Sumário: de 2 de setembroNo exercício das funções regulamentares do Governo Regional, compete-lhe, nos termos da alínea a) do n.º 1 do artigo 89.º do Estatuto Político-Administrativo da Região Autónoma dos Açores, não só aprovar a sua própria organização, mas também o seu funcionamento.
Apesar desta previsão, na história da autonomia dos Açores, após a Constituição de 1976, os diversos Governos Regionais foram aprovando sucessivamente as suas orgânicas, sem que nunca tenham aprovado um regime específico e convolado do seu funcionamento.
O Conselho do Governo Regional dos Açores foi funcionando ao abrigo das regras gerais previstas na Constituição da República Portuguesa e no Estatuto Político-Administrativo da Região Autónoma dos Açores, e a coberto de praxis procedimentais que se foram instituindo e estabilizando.

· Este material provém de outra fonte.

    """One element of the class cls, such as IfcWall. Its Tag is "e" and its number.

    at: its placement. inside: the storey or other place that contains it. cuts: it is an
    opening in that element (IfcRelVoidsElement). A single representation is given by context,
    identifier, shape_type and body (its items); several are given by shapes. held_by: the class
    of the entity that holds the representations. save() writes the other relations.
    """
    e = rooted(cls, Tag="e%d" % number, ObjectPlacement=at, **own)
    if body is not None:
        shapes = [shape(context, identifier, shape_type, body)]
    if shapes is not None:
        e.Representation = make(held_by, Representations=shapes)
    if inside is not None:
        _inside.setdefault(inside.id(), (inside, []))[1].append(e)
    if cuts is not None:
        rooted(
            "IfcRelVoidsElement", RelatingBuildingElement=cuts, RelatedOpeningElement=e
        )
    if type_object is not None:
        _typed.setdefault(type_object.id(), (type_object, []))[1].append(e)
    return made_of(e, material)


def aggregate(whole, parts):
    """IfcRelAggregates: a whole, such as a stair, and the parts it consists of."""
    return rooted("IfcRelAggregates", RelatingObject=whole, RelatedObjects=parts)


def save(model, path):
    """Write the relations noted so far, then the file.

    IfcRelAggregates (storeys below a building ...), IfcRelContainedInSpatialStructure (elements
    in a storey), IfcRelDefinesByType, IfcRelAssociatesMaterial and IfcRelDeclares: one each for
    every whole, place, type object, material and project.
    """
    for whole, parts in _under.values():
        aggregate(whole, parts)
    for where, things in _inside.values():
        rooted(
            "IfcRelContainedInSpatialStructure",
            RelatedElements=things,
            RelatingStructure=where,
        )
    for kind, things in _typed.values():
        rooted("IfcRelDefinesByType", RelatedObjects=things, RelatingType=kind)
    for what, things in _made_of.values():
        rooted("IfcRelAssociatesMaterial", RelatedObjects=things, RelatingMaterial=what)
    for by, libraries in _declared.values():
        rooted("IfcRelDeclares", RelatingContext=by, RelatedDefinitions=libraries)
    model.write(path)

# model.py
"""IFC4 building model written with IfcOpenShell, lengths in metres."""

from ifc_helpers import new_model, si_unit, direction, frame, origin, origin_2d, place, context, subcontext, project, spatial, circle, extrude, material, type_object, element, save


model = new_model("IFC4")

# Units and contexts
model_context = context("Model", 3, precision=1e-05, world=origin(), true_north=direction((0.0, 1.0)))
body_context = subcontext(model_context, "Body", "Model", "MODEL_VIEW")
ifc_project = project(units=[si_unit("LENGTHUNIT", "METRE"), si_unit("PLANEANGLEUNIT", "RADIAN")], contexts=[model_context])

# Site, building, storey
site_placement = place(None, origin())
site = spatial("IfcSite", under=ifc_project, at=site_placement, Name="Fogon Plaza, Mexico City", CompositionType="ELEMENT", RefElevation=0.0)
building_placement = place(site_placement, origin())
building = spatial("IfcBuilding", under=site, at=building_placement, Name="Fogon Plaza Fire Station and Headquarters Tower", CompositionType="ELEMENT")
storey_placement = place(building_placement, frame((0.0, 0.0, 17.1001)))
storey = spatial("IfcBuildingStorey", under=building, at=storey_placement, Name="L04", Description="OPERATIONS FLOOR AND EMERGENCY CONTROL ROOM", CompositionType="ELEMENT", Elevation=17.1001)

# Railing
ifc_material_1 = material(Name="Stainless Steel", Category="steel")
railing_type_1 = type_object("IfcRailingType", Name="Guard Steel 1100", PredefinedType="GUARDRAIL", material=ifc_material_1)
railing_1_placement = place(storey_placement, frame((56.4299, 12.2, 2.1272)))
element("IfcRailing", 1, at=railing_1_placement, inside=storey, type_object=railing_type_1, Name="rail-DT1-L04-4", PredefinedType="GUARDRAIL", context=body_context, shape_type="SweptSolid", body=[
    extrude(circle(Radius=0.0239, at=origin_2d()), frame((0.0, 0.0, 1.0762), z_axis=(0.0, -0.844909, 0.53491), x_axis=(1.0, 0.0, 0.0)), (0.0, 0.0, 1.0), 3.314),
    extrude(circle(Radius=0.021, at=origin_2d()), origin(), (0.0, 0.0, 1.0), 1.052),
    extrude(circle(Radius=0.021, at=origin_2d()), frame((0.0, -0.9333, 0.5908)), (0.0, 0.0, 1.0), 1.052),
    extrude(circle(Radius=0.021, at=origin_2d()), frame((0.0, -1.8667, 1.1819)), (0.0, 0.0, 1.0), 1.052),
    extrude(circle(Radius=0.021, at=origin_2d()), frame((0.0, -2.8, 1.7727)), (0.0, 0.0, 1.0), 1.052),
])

Os poderes legislativos das Regiões Autónomas, constitucional e estatutariamente consagrados, representam o âmago das conquistas autonómicas e a solenidade com que o procedimento legislativo se desenvolve impõe que o seu exercício se constitua não só como expressão da própria democracia, mas também como manifestação da valorização da nossa autonomia.
A participação do Governo Regional no procedimento legislativo, na aprovação e apresentação de propostas de decretos legislativos regionais e anteprojetos de lei à Assembleia Legislativa Regional deve constituir-se, assim, como a exteriorização desta dignidade procedimental, transparência e clareza de tramitação, ao serviço da democracia e da autonomia.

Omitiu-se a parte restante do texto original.